Repeat these several times a day. A physical therapist specializing in facial neuromuscular retraining can tailor the program to your specific level of paralysis and adjust it as movement returns.

What Recovery Actually Looks Like

Most people with Bell’s palsy recover well. In a study of over 1,300 patients, about 81% achieved a favorable outcome by the six-month mark, meaning their facial function returned to normal or near-normal with only slight weakness visible on close inspection. Recovery typically begins within two to three weeks of onset and continues gradually over several months.

The severity of your initial paralysis is the strongest predictor of how fully you’ll recover. Doctors sometimes use a grading scale that ranges from mild dysfunction (slight weakness, eye still closes easily) to total paralysis (no movement at all). Patients with partial paralysis at onset almost always recover completely. Those with total paralysis face a higher risk of incomplete recovery. Electrical nerve testing can help gauge the extent of nerve damage in complete paralysis cases, which helps predict the timeline and likely outcome.

Managing Long-Term Complications

Up to 30% of Bell’s palsy patients develop some lasting effect, even with appropriate treatment. The most common is synkinesis, where regenerating nerve fibers connect to the wrong muscles. This creates involuntary movements paired with intentional ones. For example, your eye might close or narrow every time you smile, or your cheek and chin might tighten when you try to shut your eye firmly. The affected side of the face can also feel tight and fatigued, and the crease between your nose and mouth may become deeper than the other side.

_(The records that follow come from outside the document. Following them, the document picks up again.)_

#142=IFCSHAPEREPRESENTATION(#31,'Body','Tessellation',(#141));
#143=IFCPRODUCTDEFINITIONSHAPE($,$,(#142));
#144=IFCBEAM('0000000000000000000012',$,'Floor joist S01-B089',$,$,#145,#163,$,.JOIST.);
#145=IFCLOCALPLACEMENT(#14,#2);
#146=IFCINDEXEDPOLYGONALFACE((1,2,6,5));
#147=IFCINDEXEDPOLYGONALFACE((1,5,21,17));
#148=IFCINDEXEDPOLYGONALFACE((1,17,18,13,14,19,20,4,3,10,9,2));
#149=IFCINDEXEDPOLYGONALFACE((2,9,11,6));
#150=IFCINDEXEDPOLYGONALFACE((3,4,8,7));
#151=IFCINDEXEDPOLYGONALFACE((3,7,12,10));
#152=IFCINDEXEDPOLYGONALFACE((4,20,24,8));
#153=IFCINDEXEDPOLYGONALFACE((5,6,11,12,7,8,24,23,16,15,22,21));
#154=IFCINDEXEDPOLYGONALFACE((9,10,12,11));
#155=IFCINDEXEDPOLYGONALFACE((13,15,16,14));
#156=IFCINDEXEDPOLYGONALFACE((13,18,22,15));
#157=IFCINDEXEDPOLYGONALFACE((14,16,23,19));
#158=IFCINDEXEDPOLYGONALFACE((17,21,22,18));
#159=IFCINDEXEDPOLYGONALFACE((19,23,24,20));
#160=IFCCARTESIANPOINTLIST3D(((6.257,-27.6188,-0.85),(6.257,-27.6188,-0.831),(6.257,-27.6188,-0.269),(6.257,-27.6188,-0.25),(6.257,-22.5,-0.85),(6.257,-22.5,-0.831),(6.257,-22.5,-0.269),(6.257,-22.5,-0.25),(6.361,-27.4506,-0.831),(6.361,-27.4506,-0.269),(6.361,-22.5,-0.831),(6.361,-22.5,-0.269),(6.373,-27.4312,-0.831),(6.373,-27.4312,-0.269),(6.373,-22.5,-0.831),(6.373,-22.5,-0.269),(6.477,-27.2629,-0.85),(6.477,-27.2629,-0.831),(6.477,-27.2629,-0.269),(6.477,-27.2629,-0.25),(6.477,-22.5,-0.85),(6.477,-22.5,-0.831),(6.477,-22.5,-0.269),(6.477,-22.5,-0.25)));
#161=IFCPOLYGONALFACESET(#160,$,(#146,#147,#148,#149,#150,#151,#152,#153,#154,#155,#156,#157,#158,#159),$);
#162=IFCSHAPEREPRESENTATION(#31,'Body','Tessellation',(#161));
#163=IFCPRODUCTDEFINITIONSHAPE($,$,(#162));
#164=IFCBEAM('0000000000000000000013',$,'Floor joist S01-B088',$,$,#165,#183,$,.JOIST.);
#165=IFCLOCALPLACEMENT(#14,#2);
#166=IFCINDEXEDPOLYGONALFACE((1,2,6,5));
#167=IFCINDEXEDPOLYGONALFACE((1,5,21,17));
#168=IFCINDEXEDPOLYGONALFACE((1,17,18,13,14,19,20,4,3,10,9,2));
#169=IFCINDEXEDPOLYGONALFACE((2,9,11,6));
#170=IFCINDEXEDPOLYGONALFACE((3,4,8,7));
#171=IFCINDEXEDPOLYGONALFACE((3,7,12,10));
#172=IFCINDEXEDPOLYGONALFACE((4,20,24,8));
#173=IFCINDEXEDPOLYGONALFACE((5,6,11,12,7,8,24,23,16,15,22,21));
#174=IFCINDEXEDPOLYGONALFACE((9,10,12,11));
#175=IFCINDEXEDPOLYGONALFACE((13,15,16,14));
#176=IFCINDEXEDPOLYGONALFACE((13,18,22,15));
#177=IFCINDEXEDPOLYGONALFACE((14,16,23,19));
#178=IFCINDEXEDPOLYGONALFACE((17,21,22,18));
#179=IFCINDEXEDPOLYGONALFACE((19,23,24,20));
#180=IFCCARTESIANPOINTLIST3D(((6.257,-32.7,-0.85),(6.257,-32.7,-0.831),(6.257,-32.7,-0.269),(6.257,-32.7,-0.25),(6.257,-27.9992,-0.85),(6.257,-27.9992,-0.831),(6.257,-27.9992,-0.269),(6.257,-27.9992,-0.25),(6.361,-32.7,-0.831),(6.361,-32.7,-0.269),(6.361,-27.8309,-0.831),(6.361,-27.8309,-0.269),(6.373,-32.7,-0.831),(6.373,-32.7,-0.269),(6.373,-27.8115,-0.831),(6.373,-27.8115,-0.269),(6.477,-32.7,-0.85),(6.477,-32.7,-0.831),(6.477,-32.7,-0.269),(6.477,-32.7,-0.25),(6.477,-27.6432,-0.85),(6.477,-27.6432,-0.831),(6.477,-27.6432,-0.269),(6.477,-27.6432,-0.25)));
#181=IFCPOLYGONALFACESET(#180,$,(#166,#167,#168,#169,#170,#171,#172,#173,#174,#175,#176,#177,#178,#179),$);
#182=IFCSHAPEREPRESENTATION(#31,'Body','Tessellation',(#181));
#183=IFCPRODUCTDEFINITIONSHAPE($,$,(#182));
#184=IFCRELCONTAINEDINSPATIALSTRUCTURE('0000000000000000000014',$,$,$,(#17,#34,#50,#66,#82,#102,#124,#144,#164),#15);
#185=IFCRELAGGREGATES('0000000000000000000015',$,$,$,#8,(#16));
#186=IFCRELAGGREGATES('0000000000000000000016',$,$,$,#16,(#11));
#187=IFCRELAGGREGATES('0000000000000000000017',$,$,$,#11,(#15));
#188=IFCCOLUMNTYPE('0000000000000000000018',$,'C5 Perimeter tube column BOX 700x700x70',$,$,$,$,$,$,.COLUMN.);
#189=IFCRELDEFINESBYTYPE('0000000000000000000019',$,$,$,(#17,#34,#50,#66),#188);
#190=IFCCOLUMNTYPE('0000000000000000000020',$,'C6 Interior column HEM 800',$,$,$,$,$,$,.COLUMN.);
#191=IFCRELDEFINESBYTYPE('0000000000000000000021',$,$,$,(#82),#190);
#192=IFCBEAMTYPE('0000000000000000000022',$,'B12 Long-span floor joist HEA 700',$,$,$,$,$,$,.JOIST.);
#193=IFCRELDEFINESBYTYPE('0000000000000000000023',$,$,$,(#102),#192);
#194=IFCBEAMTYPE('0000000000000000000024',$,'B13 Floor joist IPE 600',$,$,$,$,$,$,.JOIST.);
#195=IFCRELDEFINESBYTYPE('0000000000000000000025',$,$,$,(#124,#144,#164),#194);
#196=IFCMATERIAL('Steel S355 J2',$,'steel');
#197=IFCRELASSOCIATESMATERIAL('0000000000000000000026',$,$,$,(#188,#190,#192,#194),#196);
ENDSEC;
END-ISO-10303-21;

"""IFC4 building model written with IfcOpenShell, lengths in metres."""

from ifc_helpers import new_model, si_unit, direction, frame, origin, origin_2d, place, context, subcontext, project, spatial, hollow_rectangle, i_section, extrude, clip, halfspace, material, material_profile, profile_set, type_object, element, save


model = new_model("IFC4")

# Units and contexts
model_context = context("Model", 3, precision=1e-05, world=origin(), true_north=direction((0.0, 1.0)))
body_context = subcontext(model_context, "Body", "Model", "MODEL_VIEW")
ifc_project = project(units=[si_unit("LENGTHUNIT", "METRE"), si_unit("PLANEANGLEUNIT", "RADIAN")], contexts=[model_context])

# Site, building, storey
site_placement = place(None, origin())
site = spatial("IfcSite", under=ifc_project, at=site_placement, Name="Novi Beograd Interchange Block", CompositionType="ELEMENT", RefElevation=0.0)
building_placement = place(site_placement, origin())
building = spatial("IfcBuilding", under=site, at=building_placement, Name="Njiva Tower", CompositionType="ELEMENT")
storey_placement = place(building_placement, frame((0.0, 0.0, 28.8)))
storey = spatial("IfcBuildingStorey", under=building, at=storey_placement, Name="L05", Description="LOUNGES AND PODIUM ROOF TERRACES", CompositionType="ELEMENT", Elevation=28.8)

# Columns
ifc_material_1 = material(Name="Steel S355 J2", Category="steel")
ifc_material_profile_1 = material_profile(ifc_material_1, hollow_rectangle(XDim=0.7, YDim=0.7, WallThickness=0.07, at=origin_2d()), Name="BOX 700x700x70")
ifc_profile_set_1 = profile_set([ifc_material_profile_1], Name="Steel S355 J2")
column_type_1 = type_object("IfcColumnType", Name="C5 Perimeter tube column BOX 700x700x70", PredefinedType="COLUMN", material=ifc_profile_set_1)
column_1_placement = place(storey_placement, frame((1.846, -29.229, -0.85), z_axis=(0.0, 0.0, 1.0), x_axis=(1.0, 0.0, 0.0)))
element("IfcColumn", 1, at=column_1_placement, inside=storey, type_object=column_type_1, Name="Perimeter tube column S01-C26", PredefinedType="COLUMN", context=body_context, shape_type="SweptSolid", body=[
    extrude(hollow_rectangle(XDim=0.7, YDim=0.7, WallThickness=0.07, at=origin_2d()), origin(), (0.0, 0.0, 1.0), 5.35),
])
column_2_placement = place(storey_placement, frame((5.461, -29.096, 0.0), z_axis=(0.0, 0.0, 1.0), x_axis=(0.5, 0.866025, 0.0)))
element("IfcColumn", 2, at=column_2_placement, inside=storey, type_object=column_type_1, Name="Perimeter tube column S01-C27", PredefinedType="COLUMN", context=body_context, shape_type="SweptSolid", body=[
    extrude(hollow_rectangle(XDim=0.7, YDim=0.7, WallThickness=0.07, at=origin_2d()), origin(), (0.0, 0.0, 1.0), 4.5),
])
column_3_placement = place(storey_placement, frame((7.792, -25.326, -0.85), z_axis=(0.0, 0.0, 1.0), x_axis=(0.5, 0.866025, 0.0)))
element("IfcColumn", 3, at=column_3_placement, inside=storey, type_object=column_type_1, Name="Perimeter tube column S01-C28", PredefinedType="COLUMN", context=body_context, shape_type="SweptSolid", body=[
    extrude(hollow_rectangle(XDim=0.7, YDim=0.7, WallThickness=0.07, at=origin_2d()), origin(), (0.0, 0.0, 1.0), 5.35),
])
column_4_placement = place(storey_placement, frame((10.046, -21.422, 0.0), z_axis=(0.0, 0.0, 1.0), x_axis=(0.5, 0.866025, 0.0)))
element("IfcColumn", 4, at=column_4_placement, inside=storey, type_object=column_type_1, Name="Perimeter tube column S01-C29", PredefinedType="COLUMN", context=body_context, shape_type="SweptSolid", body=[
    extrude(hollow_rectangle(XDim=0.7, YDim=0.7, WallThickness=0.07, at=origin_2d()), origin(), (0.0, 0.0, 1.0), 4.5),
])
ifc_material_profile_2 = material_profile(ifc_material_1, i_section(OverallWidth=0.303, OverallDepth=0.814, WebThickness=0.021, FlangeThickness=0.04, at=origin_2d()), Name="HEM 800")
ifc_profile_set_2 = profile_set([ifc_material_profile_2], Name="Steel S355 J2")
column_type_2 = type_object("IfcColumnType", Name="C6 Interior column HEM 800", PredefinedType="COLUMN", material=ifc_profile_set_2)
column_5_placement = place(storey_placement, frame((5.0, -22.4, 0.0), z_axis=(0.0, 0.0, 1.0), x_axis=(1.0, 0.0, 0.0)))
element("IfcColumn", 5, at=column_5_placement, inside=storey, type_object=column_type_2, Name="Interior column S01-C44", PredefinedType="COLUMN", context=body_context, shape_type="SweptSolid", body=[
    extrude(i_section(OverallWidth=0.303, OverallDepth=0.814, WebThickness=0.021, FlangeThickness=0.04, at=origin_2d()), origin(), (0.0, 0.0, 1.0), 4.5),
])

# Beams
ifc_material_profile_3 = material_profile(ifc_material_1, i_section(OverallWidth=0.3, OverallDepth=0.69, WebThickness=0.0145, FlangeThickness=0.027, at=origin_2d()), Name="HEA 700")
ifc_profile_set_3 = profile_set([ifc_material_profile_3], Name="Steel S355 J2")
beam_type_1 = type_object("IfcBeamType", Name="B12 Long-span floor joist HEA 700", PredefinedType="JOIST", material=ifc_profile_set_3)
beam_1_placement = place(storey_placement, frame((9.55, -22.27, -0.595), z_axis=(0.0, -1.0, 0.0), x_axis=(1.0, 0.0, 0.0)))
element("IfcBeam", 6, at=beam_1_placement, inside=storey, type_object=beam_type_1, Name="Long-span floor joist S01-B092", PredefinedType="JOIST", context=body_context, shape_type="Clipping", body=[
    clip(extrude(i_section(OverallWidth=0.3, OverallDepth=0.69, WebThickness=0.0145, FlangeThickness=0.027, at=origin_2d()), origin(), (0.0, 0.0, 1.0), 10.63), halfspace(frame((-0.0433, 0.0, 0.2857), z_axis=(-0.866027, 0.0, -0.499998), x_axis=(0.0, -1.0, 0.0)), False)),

Synkinesis is treatable. Botulinum toxin injections can improve facial symmetry and control the involuntary movements. These are typically covered by insurance for facial paralysis patients. Specialized facial nerve therapy, sometimes combined with targeted injections, helps retrain the brain to activate muscles independently rather than in unwanted patterns. In more significant cases, surgical options exist as well.

What About Acupuncture?

Acupuncture is one of the most commonly asked-about complementary therapies for Bell’s palsy. A systematic review of randomized controlled trials found a statistically higher response rate in patients who received acupuncture, but the included studies had high risk of bias and significant inconsistency in their results. The reviewers concluded there was insufficient evidence to confirm that acupuncture is effective or to draw conclusions about its safety. It’s not harmful for most people, but it should not replace steroids and antivirals, especially in that critical first 72-hour window.

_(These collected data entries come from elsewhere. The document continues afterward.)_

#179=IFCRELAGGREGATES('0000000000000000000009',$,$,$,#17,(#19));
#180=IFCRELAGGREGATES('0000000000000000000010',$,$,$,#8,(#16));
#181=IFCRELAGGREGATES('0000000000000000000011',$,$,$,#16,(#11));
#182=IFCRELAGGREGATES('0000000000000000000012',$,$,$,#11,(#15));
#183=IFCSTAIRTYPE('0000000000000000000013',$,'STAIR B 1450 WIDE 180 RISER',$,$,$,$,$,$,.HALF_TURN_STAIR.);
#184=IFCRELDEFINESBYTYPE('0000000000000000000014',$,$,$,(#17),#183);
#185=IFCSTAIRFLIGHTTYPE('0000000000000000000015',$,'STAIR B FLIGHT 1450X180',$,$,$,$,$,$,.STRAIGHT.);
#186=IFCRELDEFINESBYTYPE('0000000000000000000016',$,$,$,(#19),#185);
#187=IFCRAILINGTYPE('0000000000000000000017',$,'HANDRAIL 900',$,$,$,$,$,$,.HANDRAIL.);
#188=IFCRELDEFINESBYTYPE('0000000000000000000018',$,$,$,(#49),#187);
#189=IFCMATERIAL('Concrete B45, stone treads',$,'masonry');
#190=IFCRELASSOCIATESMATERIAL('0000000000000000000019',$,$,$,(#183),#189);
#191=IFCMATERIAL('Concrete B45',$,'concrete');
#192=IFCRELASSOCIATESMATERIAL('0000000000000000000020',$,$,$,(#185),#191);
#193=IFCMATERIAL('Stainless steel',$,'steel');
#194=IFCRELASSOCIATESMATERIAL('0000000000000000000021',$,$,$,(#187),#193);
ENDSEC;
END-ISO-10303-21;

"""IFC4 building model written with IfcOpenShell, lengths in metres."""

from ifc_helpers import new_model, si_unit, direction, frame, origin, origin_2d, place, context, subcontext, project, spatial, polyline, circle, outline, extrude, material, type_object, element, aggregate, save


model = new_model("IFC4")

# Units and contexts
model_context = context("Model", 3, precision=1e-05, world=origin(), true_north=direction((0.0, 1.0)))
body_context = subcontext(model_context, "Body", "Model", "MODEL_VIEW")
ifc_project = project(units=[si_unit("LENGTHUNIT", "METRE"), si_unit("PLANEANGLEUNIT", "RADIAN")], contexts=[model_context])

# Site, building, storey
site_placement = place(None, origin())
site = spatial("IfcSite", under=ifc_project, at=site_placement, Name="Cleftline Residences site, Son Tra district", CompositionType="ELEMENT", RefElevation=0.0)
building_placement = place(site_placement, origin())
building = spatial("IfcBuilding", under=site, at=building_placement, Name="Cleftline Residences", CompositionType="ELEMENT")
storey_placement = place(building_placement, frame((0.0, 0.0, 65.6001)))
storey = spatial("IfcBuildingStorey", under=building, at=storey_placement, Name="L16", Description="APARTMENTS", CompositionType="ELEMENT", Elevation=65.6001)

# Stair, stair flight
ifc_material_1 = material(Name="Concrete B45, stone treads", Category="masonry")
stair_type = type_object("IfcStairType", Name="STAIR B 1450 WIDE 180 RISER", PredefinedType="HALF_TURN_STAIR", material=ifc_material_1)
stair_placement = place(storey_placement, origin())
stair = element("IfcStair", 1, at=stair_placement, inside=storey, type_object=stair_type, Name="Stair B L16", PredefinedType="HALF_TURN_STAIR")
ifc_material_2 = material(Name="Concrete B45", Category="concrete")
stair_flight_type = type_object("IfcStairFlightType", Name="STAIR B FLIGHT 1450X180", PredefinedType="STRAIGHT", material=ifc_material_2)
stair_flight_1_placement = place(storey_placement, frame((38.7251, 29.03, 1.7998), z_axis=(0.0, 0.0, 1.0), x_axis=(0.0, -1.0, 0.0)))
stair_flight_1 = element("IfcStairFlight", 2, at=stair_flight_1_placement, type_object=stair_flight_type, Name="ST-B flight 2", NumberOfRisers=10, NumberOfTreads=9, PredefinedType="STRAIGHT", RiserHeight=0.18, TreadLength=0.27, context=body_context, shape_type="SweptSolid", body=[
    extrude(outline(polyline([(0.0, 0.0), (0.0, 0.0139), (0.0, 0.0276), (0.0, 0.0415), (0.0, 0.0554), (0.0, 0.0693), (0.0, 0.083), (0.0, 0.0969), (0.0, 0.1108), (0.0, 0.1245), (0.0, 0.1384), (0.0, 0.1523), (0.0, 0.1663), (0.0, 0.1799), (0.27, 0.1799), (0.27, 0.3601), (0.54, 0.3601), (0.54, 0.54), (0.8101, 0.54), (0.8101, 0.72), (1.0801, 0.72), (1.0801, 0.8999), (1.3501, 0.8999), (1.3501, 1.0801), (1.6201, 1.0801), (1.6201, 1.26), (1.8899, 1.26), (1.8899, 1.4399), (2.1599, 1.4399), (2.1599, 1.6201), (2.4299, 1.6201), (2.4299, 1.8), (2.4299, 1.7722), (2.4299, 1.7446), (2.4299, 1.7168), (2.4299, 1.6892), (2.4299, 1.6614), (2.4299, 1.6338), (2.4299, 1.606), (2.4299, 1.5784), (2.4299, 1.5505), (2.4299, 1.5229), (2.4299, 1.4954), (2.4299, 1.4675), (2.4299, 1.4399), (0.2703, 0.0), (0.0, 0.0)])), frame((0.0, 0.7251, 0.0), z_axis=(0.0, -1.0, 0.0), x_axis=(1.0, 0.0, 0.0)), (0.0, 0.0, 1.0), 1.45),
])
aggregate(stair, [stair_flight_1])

Surgery Is Rarely Recommended

Surgical decompression of the facial nerve, where bone is removed to give the swollen nerve more room, is not part of standard treatment. The American Academy of Otolaryngology found that the data supporting surgery are not strong enough to make a recommendation for or against it. There may be a benefit for a very small subset of patients with complete paralysis who meet specific eligibility criteria based on nerve testing results, but this remains controversial and is not widely performed. For the vast majority of people with Bell’s palsy, medication, eye care, and facial rehabilitation are the appropriate treatment path.